Compared with the traditional reliance on umpires to adjudicate training exercises, WES enables “high-fidelity” engagements in which results are indisputable. While dismounts fire blanks for effect with their lasers recording the result, large weapons rely on sound or lights for effect. In the case of artillery, it emulates the weapon’s ballistics table for range and bearing, accounting for time of flight and which areas are hit.

“As long as you keep it more or less seamless to the user … you’re meeting the training requirements and you’re still ensuring confidence in the system,” said Beauchemin. “Also, the effects of it are not physics-based; they’re statistics-based.” It’s effectively algorithm-driven modelling of a trajectory and what he said is “a matter of computing power and latency of the transfer of information on the system’s radio communication network.”
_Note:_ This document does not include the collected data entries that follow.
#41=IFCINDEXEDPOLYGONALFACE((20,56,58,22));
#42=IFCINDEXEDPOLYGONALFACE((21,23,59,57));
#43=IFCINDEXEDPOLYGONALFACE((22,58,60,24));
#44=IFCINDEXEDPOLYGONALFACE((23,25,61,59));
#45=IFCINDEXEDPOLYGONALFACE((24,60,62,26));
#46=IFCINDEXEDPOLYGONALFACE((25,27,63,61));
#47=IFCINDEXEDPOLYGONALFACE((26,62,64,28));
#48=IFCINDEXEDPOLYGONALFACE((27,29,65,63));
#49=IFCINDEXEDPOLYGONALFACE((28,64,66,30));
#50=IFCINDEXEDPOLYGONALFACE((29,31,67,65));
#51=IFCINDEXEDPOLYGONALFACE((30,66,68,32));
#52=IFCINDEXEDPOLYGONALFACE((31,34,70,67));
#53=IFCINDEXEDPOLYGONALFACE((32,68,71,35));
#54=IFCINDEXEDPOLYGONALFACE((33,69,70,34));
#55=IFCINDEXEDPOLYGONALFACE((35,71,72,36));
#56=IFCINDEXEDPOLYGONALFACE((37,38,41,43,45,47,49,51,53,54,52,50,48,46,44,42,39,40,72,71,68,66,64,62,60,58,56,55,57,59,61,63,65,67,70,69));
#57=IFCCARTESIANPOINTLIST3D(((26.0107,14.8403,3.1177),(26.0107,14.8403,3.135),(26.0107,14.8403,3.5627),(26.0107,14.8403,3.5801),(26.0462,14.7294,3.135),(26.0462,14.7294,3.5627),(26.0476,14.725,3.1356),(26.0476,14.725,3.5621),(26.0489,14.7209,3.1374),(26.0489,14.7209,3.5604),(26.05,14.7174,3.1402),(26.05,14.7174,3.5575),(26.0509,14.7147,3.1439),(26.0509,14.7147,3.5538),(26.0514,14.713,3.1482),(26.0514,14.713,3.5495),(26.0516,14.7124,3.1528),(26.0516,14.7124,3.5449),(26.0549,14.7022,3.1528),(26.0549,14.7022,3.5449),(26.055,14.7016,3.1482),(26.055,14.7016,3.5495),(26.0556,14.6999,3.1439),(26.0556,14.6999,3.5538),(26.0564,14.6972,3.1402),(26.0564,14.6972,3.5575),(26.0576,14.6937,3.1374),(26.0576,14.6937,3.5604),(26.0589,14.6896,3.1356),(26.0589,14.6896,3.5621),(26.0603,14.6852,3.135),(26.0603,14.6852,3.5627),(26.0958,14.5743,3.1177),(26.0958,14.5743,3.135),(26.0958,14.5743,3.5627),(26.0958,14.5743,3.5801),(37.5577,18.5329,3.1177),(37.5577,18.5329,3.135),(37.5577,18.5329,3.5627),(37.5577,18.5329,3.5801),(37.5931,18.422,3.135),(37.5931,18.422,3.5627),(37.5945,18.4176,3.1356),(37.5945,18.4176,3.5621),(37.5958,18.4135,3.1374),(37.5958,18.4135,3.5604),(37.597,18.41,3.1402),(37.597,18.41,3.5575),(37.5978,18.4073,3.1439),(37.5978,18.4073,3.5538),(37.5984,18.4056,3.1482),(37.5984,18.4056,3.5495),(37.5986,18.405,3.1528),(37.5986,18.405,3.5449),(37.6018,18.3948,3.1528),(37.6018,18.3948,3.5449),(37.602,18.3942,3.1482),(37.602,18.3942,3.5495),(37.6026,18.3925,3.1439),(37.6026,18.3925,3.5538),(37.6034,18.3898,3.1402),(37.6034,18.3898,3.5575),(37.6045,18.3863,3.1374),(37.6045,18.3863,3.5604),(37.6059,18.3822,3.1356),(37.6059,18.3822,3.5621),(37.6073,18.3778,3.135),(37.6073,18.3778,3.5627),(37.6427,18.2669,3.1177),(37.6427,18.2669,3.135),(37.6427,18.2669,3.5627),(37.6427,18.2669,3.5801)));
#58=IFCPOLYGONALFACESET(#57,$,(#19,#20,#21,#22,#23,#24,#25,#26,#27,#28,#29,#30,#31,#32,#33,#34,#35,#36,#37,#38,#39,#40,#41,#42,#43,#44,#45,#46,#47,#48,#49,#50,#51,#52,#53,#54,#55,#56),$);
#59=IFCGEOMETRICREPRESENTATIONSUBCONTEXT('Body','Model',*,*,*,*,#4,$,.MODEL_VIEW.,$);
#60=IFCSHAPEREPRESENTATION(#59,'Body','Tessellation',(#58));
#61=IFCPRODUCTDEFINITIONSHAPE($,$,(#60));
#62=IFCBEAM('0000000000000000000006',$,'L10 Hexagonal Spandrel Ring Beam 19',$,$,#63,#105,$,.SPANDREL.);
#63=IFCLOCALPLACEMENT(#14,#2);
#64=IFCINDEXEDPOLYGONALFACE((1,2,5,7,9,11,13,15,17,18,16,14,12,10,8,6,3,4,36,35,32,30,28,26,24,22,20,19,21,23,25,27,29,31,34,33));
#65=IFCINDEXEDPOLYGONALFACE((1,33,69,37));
As the project matures and computing power keeps growing, is DLR chasing a moving target? Beauchemin said the focus is on the training requirements, not the technical requirements, which are up to DND’s Materiel Group. “I want them and industry to come up with a technical solution, a design to meet the Army’s training requirements.”

For example, he’d like to see designs that improve the capabilities of gunners in the Army’s fleet of light armoured vehicles. The legacy WES system relies on available light, but thermal imaging and night-vision simulation would be welcome, as would the ability to simulate smoke or other factors which compromise shots, especially at moving targets in a built-up area.
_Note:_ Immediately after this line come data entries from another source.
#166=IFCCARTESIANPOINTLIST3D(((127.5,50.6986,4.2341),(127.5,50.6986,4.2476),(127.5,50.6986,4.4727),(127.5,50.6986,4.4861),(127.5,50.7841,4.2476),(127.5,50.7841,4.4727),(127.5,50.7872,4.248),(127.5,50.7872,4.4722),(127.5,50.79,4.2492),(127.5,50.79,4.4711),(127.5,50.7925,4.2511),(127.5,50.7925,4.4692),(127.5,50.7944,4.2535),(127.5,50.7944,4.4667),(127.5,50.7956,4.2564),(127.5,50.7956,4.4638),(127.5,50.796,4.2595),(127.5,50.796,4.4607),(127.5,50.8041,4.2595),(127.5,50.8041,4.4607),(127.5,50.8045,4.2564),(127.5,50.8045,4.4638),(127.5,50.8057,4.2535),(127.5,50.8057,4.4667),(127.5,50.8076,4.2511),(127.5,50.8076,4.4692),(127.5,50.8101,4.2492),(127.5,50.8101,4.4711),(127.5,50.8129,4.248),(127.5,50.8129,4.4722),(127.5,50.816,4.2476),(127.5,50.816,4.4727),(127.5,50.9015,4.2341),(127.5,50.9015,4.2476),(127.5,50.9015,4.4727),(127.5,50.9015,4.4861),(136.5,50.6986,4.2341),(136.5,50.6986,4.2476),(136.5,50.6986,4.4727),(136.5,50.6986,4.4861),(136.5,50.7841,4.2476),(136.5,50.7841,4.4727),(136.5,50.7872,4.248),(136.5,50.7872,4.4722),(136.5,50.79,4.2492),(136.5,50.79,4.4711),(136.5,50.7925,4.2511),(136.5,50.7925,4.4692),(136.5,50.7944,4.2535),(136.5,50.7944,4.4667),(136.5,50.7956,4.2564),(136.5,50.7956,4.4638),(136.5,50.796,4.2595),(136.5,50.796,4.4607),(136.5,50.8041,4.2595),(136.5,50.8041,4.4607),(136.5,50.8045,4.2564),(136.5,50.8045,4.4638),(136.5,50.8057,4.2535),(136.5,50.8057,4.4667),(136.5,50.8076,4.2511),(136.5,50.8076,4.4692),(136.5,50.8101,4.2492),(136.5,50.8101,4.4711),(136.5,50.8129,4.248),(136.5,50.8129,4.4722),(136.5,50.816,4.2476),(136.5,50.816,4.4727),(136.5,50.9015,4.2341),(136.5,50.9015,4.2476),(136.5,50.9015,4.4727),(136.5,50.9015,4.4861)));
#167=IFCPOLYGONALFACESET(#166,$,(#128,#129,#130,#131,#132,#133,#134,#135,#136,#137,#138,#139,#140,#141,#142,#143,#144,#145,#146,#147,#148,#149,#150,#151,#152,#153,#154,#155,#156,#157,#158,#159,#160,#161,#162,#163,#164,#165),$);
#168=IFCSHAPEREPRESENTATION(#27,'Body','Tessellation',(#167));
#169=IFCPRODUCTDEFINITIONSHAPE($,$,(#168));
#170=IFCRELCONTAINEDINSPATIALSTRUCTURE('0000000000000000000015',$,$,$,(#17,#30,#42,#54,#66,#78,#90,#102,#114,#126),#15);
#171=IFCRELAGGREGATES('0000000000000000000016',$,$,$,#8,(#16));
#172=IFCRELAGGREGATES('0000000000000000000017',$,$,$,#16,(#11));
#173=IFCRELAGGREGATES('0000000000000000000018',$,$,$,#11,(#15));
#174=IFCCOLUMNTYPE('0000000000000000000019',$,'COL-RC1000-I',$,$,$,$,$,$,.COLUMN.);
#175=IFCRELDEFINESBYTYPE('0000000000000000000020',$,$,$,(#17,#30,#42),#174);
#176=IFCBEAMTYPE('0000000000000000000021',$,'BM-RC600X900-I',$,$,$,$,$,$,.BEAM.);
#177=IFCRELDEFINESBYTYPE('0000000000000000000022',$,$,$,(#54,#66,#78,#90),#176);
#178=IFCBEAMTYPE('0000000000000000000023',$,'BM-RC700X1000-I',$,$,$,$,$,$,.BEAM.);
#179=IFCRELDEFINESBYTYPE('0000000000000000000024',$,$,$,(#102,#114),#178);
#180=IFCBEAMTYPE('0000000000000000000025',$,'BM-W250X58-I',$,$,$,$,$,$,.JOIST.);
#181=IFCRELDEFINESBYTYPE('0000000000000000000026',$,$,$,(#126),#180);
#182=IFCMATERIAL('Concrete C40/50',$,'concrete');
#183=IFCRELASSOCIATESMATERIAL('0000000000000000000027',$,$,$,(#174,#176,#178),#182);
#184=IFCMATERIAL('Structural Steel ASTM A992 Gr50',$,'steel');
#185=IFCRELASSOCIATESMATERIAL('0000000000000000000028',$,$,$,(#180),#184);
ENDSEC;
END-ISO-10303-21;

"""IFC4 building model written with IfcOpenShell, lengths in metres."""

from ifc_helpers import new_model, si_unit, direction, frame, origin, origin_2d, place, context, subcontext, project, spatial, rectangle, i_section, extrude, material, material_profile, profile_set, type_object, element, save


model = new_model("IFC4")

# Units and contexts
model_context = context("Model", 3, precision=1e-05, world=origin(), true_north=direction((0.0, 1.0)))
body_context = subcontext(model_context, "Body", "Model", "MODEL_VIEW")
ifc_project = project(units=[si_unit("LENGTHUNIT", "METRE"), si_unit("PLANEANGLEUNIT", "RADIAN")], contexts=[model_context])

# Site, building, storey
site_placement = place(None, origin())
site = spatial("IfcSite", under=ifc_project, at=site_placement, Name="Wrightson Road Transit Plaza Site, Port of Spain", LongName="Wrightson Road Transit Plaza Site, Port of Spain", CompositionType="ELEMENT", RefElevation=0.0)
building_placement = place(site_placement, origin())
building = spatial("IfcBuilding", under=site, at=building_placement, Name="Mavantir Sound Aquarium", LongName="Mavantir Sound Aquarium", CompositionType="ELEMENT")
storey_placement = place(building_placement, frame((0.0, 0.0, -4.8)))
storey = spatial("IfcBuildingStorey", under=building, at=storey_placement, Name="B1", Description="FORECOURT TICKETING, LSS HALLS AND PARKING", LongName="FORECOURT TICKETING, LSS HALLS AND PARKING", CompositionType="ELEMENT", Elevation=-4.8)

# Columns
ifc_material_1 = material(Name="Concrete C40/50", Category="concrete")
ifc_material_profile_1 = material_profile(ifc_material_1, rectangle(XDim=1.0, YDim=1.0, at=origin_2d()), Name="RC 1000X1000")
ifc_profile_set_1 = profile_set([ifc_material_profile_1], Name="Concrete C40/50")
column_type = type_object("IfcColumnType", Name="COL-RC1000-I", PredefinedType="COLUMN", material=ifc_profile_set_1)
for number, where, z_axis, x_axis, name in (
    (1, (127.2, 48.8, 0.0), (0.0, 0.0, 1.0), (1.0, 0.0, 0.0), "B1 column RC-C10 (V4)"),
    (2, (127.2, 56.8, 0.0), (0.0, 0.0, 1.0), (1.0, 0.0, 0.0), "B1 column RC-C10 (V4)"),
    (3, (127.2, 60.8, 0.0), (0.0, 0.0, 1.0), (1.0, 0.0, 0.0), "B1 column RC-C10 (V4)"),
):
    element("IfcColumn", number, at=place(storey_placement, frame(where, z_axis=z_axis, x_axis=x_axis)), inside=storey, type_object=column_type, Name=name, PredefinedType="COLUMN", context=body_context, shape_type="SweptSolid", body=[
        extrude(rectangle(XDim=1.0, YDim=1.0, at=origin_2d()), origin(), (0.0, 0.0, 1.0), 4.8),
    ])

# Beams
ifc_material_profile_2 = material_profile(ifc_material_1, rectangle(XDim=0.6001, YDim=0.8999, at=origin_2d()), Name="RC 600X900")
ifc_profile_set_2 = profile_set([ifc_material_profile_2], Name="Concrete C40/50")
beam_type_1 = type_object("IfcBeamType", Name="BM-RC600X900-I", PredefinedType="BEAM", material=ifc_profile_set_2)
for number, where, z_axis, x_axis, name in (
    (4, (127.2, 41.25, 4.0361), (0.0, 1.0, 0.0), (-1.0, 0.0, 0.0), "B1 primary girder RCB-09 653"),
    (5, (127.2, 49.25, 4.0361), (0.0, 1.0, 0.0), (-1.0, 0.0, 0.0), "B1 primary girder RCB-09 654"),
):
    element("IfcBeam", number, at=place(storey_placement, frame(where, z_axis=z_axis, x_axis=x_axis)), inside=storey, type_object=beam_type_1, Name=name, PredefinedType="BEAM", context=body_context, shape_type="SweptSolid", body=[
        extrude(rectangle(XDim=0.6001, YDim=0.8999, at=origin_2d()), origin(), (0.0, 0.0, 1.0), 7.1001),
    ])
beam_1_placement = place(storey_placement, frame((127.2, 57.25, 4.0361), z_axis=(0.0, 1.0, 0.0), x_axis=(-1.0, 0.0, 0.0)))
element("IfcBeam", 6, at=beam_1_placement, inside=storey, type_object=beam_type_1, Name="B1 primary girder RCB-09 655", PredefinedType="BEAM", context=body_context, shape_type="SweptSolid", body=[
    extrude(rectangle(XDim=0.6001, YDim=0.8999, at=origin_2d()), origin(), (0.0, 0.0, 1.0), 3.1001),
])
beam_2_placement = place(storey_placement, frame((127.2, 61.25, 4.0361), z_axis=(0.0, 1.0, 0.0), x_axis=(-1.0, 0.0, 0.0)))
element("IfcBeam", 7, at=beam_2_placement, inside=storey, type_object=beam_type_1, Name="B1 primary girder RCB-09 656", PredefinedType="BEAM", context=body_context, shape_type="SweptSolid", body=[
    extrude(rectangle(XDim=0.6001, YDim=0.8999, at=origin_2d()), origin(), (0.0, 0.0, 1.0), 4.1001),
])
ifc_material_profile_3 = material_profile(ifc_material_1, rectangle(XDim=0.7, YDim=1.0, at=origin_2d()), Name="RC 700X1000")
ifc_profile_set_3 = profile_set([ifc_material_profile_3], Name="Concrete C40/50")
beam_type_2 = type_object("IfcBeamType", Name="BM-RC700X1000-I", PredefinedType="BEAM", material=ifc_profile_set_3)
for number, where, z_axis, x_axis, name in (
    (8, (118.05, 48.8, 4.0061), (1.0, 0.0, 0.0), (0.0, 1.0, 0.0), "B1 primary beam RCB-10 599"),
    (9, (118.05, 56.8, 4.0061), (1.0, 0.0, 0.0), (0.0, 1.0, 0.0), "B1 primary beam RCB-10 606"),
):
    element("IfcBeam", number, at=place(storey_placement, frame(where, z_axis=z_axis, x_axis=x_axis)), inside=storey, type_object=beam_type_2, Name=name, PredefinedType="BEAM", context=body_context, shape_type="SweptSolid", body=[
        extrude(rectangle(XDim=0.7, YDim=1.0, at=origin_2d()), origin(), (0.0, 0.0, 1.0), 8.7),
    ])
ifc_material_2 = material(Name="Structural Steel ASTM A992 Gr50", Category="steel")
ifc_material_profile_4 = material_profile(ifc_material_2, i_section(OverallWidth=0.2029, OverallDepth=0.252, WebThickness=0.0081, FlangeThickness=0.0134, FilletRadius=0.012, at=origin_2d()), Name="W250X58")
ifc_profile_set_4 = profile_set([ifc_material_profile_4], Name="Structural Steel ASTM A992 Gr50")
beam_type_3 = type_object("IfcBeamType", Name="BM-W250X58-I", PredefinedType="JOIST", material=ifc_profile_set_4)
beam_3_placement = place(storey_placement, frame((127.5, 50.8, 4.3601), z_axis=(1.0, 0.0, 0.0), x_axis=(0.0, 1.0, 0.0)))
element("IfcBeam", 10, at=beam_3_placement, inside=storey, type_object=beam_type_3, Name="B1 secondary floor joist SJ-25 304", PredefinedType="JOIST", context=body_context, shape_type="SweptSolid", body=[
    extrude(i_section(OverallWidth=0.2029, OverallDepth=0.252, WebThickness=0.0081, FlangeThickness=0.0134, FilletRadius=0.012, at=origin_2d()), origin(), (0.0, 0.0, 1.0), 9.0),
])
“We want to challenge the individual’s skills within a collective tactical training environment. Engaging a target on a range is one thing. Doing it while bouncing in a LAV and engaging a moving target with simulation and feedback is the next step. The whole point is to be able to bring this gunner or those soldiers to a higher degree of operational readiness than we’ve managed to do before. Within collective training, there’s always an aspect of individual training. But as you go up, it takes less priority at the brigade level, where it’s mostly about decision-making.”

And what about more commonality with allies? “There are definite technical challenges, not so much in terms of training because we train more or less the same,” he replied. “For quite a long time, our systems have been developed according to national requirements, they’re not meant to be interoperable. In the past, one option was to lend equipment to the British or Americans who come to train here as long as we can design a bracket for their vehicles, but the intent now is for them to bring their own operational equipment and instrumentation to train with us.”

Those national standards are a long-standing issue with NATO overall and while an Urban Combat Advanced Training Technology (UCATT) working group is trying to design a standard interface, Beauchemin expects it will be “some time” to develop a critical mass of interface standards before there’s a practicable solution. That said, some vendors are positioning to be compliant.

Unlike training using virtual reality, troops using the WES system are out in all kinds of weather and are dealing with fatigue, equipment and logistics, and other issues which can compromise the entire exercise. And dismounts can, as they do in the real world, run out of ammunition.

“The point is not to be able to train at such a high level that it’s just short of combat operations – we’ll probably never reach that,” Beauchemin stressed. Rather, the Army strives to leverage the latest technology developments to encompass a lot more weapons effects, at a much higher level of fidelity.